Reprezentanci Polski już przed startem Turnieju Czterech Skoczni typowani byli jako faworyci do triumfu. A że są w dobrej formie, potwierdziło się podczas zawodów w Oberstdorfie. W czwartkowe popołudnie czterech biało-czerwonych zdobyło punkty do klasyfikacji Pucharu Świata, a trzech skoczków zameldowało się w czołowej dziesiątce rywalizacji. Najlepiej wypadli Żyła i Kubacki, którzy byli odpowiednio na drugim i trzecim miejscu.

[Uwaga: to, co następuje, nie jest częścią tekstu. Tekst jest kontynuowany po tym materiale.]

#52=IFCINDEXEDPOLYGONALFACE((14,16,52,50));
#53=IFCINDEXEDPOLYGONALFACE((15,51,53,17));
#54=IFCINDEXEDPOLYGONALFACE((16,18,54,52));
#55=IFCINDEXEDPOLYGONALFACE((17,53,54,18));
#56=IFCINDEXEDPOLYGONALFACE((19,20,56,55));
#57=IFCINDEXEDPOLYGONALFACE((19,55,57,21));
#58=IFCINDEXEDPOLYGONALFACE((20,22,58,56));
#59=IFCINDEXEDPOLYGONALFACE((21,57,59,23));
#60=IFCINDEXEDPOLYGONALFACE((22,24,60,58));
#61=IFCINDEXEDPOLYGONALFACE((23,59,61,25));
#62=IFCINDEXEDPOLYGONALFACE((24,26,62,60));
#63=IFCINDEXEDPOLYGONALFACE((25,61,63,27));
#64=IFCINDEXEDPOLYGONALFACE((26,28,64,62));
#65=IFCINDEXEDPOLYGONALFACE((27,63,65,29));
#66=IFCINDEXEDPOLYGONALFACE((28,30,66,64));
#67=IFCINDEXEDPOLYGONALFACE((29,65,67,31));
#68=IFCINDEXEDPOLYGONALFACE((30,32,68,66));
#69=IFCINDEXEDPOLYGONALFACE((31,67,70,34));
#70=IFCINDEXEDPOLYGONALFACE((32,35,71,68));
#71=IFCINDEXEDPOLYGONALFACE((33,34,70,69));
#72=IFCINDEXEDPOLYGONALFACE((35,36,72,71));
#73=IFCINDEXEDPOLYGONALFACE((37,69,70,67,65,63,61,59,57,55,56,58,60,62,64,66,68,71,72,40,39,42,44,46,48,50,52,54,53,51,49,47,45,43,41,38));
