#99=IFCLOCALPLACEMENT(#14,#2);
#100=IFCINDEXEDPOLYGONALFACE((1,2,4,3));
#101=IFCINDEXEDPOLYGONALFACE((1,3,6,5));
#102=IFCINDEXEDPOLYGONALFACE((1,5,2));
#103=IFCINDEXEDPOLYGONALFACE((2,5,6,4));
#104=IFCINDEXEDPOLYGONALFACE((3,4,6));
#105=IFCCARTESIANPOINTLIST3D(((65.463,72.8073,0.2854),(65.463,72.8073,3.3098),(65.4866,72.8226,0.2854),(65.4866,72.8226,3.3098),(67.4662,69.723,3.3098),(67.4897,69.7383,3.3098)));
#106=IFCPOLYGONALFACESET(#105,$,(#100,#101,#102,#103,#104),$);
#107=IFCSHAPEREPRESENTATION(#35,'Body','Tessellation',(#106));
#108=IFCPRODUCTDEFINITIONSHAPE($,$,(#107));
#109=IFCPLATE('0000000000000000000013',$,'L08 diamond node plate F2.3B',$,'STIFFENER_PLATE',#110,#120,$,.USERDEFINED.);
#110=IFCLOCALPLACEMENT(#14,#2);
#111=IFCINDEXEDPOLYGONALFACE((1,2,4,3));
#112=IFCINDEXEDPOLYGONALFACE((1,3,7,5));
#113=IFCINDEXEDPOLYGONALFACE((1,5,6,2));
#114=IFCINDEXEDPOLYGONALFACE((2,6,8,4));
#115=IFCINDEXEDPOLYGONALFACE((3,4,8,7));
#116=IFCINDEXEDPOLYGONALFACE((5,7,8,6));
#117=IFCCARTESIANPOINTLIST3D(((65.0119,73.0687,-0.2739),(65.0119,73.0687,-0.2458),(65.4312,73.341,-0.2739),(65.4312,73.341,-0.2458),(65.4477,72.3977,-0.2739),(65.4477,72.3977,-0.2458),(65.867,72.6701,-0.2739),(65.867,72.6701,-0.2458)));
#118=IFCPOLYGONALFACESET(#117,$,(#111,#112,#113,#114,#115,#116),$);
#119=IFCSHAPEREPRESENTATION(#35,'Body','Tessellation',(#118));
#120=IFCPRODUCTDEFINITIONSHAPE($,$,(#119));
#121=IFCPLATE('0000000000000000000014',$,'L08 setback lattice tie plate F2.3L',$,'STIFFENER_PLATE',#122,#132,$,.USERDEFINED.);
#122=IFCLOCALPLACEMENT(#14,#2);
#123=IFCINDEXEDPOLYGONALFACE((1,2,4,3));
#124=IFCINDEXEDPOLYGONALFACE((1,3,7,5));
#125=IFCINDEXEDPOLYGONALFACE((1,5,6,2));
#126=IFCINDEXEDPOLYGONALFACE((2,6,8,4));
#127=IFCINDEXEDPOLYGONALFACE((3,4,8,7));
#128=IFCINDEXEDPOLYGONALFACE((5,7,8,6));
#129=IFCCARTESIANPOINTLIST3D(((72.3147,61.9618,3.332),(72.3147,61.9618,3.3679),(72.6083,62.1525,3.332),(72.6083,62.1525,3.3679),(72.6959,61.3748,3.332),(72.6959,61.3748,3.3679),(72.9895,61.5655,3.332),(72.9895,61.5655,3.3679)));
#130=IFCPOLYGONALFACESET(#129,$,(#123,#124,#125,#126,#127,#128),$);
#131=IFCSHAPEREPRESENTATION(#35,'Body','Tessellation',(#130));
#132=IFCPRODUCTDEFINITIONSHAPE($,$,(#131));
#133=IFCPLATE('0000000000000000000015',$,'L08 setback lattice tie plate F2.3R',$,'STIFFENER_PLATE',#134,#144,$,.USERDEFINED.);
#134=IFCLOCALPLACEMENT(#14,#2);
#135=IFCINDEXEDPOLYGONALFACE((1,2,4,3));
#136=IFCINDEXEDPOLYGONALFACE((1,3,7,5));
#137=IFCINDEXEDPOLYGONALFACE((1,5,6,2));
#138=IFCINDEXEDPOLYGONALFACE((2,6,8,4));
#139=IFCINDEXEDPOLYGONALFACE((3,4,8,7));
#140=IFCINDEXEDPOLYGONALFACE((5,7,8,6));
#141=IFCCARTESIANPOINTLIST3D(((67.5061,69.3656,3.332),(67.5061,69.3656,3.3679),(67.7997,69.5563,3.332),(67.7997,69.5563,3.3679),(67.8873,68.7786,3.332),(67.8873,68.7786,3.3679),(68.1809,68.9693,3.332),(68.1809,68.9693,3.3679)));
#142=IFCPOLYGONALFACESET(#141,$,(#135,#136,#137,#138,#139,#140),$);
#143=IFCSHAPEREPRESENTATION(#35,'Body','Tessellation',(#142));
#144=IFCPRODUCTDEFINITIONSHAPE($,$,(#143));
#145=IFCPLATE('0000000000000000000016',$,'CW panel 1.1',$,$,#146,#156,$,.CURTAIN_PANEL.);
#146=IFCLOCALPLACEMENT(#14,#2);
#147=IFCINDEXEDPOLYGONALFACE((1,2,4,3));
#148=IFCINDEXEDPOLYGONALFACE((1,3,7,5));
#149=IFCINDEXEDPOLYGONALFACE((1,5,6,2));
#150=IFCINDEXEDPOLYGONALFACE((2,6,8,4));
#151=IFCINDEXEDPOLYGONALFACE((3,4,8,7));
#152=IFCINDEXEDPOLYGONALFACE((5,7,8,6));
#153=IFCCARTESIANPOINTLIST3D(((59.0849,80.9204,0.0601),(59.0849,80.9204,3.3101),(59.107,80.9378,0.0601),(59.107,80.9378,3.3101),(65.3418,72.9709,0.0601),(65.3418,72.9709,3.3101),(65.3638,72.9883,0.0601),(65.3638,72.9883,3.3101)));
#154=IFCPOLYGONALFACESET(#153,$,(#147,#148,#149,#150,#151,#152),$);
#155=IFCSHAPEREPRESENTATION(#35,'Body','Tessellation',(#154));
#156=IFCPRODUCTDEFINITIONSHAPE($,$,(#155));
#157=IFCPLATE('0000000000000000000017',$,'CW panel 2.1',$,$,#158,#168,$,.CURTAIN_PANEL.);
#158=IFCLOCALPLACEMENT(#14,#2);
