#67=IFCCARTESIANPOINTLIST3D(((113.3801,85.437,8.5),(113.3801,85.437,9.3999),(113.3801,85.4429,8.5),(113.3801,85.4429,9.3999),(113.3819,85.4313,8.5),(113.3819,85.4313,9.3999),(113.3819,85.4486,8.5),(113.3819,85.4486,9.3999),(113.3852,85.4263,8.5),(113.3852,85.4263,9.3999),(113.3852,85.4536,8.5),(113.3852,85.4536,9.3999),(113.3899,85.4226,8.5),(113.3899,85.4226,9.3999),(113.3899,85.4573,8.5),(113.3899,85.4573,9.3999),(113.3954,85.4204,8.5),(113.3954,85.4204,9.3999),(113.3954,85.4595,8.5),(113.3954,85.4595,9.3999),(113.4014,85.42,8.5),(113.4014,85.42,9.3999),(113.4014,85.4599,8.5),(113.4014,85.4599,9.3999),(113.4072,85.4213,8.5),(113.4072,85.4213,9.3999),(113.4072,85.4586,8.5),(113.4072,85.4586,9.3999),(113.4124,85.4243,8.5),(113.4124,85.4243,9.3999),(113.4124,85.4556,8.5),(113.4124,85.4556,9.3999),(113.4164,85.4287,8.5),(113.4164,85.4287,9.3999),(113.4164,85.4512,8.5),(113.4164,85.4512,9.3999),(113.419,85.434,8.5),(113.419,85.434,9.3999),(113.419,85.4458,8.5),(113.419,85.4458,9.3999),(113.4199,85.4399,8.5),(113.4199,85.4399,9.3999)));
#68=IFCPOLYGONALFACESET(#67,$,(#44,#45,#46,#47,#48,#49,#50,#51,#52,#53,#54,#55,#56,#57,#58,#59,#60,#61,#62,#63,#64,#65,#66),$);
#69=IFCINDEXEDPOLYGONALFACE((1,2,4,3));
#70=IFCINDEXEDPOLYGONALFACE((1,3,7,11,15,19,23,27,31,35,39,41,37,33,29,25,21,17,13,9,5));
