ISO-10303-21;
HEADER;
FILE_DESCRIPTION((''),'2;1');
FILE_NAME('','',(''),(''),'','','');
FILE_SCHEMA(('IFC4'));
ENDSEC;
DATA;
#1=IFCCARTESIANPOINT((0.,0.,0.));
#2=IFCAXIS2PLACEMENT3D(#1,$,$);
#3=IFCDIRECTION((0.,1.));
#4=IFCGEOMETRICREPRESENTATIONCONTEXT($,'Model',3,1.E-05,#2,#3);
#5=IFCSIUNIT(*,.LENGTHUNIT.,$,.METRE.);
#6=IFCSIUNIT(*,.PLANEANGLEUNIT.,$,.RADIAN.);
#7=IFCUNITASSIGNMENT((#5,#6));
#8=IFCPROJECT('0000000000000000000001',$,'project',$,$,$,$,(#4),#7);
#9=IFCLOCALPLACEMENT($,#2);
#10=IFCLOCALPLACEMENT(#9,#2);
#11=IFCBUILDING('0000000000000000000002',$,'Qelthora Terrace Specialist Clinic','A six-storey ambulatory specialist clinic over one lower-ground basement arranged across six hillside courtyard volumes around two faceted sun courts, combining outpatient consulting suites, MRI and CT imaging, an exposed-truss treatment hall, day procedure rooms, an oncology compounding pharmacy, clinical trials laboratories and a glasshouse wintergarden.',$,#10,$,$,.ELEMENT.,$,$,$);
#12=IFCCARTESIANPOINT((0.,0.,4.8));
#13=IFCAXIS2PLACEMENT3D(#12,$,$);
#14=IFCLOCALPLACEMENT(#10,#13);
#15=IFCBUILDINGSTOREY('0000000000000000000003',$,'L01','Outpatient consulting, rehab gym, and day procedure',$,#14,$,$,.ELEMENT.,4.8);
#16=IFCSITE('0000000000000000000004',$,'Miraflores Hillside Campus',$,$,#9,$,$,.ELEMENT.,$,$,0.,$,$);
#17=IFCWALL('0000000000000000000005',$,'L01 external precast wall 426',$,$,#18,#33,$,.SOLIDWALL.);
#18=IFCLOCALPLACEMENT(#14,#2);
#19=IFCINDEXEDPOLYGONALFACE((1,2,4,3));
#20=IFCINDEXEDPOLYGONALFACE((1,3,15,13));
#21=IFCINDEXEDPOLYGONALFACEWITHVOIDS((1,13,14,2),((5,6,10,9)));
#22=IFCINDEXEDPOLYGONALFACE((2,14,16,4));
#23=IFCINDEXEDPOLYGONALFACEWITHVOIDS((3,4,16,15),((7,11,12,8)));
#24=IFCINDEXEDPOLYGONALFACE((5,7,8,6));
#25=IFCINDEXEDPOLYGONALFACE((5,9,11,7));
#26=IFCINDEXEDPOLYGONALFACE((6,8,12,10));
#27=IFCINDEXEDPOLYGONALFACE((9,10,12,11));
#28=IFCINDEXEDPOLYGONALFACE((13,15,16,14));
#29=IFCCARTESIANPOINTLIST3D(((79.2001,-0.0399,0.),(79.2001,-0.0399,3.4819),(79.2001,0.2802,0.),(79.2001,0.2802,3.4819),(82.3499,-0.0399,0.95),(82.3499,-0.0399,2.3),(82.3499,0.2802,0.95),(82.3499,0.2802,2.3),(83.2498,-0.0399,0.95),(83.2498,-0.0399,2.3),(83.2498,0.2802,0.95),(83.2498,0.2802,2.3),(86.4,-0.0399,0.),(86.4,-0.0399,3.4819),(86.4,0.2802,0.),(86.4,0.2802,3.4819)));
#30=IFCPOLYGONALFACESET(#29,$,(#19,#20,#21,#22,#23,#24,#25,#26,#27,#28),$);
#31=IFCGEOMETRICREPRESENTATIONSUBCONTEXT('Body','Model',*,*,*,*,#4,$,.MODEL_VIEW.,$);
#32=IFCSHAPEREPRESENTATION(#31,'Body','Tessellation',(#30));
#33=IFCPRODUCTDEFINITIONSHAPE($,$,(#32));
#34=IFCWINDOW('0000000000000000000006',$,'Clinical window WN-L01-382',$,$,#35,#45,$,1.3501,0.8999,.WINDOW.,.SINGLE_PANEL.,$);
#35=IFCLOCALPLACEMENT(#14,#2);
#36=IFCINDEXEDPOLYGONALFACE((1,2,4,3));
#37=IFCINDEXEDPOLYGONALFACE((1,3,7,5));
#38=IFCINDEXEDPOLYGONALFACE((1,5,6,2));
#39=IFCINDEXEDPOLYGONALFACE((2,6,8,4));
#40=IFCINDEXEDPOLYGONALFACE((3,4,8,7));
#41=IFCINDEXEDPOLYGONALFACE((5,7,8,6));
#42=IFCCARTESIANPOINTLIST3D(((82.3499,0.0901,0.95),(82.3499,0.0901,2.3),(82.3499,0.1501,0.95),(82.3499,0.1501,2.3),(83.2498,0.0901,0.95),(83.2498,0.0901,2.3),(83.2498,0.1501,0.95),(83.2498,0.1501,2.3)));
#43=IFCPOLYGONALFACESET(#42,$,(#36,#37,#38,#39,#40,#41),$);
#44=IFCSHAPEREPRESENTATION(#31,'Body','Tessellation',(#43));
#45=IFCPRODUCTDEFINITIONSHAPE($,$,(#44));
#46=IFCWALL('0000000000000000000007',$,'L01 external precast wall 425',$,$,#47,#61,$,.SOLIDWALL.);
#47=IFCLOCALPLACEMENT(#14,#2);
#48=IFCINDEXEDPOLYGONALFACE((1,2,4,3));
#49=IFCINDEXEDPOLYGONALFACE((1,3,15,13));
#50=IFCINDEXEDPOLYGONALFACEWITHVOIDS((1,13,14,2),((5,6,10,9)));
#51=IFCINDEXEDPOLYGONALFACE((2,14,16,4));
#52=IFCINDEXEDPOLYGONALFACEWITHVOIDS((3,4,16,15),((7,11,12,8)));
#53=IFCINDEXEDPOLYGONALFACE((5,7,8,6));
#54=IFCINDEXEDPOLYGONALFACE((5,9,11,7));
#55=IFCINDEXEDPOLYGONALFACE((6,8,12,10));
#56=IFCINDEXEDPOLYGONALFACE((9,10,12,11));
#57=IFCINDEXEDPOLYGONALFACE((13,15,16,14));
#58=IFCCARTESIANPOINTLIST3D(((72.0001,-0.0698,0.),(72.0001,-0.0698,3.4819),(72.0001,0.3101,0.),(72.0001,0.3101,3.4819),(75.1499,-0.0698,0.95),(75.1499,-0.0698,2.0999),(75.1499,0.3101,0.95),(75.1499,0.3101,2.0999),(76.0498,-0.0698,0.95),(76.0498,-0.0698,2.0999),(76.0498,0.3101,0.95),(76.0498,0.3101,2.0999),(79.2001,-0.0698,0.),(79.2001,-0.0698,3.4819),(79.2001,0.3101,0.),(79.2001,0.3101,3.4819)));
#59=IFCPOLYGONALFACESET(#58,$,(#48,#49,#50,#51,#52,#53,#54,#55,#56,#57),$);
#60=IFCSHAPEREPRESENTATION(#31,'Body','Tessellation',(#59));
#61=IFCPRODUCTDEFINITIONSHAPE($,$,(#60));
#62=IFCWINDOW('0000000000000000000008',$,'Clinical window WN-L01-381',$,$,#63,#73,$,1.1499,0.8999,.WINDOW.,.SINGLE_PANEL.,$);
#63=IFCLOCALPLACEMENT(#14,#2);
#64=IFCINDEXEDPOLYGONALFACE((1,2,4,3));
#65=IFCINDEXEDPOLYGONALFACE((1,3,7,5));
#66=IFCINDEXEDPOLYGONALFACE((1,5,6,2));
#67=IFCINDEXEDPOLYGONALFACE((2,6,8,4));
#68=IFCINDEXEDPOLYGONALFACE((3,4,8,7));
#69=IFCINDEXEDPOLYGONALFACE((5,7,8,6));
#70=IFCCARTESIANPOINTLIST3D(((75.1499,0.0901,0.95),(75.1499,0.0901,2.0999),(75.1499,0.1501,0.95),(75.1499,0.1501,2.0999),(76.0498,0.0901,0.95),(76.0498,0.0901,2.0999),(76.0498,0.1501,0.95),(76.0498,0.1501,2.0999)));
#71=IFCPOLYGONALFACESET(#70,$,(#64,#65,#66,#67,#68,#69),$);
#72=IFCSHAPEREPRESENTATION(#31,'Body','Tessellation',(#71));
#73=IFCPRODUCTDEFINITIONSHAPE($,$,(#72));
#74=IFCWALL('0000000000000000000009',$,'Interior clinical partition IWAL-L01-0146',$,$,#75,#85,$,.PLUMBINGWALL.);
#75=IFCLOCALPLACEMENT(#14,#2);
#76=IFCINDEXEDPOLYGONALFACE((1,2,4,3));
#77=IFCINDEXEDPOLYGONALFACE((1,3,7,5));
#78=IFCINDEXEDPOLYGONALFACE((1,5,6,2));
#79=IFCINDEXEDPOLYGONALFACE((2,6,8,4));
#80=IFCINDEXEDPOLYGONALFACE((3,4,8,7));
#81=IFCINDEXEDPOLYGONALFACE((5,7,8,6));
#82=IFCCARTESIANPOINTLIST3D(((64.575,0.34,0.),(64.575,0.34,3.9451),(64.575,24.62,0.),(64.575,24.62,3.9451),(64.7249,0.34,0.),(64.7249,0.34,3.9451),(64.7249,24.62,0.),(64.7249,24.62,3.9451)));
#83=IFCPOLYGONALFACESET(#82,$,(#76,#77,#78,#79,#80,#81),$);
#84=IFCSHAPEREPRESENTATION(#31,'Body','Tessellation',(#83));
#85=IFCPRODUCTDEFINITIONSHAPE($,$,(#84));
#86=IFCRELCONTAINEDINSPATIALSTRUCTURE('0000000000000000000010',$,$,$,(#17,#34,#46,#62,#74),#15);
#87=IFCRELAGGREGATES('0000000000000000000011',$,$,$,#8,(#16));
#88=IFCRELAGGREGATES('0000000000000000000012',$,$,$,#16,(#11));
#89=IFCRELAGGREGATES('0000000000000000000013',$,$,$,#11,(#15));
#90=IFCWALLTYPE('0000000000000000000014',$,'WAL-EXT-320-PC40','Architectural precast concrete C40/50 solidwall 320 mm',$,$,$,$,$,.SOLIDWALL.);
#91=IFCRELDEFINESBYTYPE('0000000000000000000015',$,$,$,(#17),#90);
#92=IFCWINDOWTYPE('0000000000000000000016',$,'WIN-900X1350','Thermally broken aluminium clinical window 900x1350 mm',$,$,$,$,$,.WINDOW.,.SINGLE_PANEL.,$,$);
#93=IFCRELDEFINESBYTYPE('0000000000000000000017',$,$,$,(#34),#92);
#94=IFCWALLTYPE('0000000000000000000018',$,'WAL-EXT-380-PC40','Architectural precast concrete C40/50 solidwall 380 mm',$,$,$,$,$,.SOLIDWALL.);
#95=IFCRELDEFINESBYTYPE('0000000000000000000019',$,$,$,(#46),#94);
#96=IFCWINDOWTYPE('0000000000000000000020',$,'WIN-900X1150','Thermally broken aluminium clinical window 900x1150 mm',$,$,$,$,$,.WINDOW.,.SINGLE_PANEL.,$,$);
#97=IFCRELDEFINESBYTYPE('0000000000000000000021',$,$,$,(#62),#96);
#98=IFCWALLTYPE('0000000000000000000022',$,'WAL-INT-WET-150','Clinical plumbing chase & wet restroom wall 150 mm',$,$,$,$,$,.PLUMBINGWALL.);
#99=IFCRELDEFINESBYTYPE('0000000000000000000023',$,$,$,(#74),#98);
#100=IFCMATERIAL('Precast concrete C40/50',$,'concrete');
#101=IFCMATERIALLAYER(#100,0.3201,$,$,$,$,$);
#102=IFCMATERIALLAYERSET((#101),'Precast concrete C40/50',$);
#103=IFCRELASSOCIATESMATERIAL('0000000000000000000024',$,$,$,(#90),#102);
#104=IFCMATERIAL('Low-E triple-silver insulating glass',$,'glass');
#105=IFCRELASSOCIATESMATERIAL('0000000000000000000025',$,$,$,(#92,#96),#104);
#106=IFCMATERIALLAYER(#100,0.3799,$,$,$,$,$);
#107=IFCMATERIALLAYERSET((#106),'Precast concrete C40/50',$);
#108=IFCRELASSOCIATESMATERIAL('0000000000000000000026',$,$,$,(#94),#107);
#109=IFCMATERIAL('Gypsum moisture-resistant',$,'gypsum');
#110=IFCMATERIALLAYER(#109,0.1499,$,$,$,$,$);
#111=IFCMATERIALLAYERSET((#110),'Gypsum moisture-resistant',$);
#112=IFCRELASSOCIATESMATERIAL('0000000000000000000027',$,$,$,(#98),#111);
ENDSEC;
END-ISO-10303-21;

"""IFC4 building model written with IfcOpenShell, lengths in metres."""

from ifc_helpers import new_model, si_unit, direction, frame, frame_2d, origin, place, context, subcontext, project, spatial, rectangle, extrude, material, layer, layer_set, type_object, element, fill, save


model = new_model("IFC4")

# Units and contexts
model_context = context("Model", 3, precision=1e-05, world=origin(), true_north=direction((0.0, 1.0)))
body_context = subcontext(model_context, "Body", "Model", "MODEL_VIEW")
ifc_project = project(units=[si_unit("LENGTHUNIT", "METRE"), si_unit("PLANEANGLEUNIT", "RADIAN")], contexts=[model_context])

# Site, building, storey
site_placement = place(None, origin())
site = spatial("IfcSite", under=ifc_project, at=site_placement, Name="Miraflores Hillside Campus", CompositionType="ELEMENT", RefElevation=0.0)
building_placement = place(site_placement, origin())
building = spatial("IfcBuilding", under=site, at=building_placement, Name="Qelthora Terrace Specialist Clinic", Description="A six-storey ambulatory specialist clinic over one lower-ground basement arranged across six hillside courtyard volumes around two faceted sun courts, combining outpatient consulting suites, MRI and CT imaging, an exposed-truss treatment hall, day procedure rooms, an oncology compounding pharmacy, clinical trials laboratories and a glasshouse wintergarden.", CompositionType="ELEMENT")
storey_placement = place(building_placement, frame((0.0, 0.0, 4.8)))
storey = spatial("IfcBuildingStorey", under=building, at=storey_placement, Name="L01", Description="Outpatient consulting, rehab gym, and day procedure", CompositionType="ELEMENT", Elevation=4.8)

# Walls, openings, windows
ifc_material_1 = material(Name="Precast concrete C40/50", Category="concrete")
ifc_material_2 = material(Name="Low-E triple-silver insulating glass", Category="glass")
ifc_layer_1 = layer(ifc_material_1, 0.3201)
ifc_layer_set_1 = layer_set([ifc_layer_1], Name="Precast concrete C40/50")
wall_type_1 = type_object("IfcWallType", Name="WAL-EXT-320-PC40", Description="Architectural precast concrete C40/50 solidwall 320 mm", PredefinedType="SOLIDWALL", material=ifc_layer_set_1)
wall_1_placement = place(storey_placement, frame((79.2, 0.1201, 0.0), z_axis=(0.0, 0.0, 1.0), x_axis=(1.0, 0.0, 0.0)))
wall_1 = element("IfcWall", 1, at=wall_1_placement, inside=storey, type_object=wall_type_1, Name="L01 external precast wall 426", PredefinedType="SOLIDWALL", context=body_context, shape_type="SweptSolid", body=[
    extrude(rectangle(XDim=7.2, YDim=0.3201, at=frame_2d((3.6001, 0.0))), origin(), (0.0, 0.0, 1.0), 3.4819),
])
opening_1_placement = place(wall_1_placement, frame((3.1499, 0.0, 0.95)))
opening_1 = element("IfcOpeningElement", 2, at=opening_1_placement, cuts=wall_1, PredefinedType="OPENING", context=body_context, shape_type="SweptSolid", body=[
    extrude(rectangle(XDim=0.8999, YDim=1.3501, at=frame_2d((0.45, 0.675))), frame((0.0, 0.1699, 0.0), z_axis=(0.0, -1.0, 0.0), x_axis=(1.0, 0.0, 0.0)), (0.0, 0.0, 1.0), 0.3401),
])
window_type_1 = type_object("IfcWindowType", Name="WIN-900X1350", Description="Thermally broken aluminium clinical window 900x1350 mm", PartitioningType="SINGLE_PANEL", PredefinedType="WINDOW", material=ifc_material_2)
window_1_placement = place(opening_1_placement, origin())
window_1 = element("IfcWindow", 3, at=window_1_placement, inside=storey, type_object=window_type_1, Name="Clinical window WN-L01-382", OverallHeight=1.3501, OverallWidth=0.8999, PartitioningType="SINGLE_PANEL", PredefinedType="WINDOW", context=body_context, shape_type="SweptSolid", body=[
    extrude(rectangle(XDim=0.8999, YDim=1.3501, at=frame_2d((0.45, 0.675))), frame((0.0, 0.03, 0.0), z_axis=(0.0, -1.0, 0.0), x_axis=(1.0, 0.0, 0.0)), (0.0, 0.0, 1.0), 0.0601),
])
fill(opening_1, window_1)
ifc_layer_2 = layer(ifc_material_1, 0.3799)
ifc_layer_set_2 = layer_set([ifc_layer_2], Name="Precast concrete C40/50")
wall_type_2 = type_object("IfcWallType", Name="WAL-EXT-380-PC40", Description="Architectural precast concrete C40/50 solidwall 380 mm", PredefinedType="SOLIDWALL", material=ifc_layer_set_2)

Thurnbichler zdenerwowany. Ostry komentarz po konkursie
Cieszyć może lepsza postawa Kamila Stocha, który miał do niedawna problemy z oddawaniem dalekich skoków. Niestety trzykrotnego mistrza olimpijskiego nie ominął pech. Przed drugim skokiem sędziowie bardzo długo zwlekali z pozwoleniem na zajęcie miejsca na belce. Minęło ponad dziesięć minut, nim Stoch mógł ruszyć z rozbiegu. Ta sytuacja zdenerwowała również Thomasa Thurnbichlera. Szkoleniowiec Polaków dobitnie wyraził to w rozmowie z Eurosportem.
- Muszę przyznać, że nie jestem zadowolony z sytuacji, z jaką musiał poradzić sobie Kamil. Czekał tam przez ponad dziesięć minut. Mówiliśmy, by swoje skoki oddali przedskoczkowie, organizatorzy mogli to lepiej przemyśleć - powiedział Austriak tuż po konkursie. Dodał jednocześnie, że jest zadowolony z postawy Kubackiego i Żyły.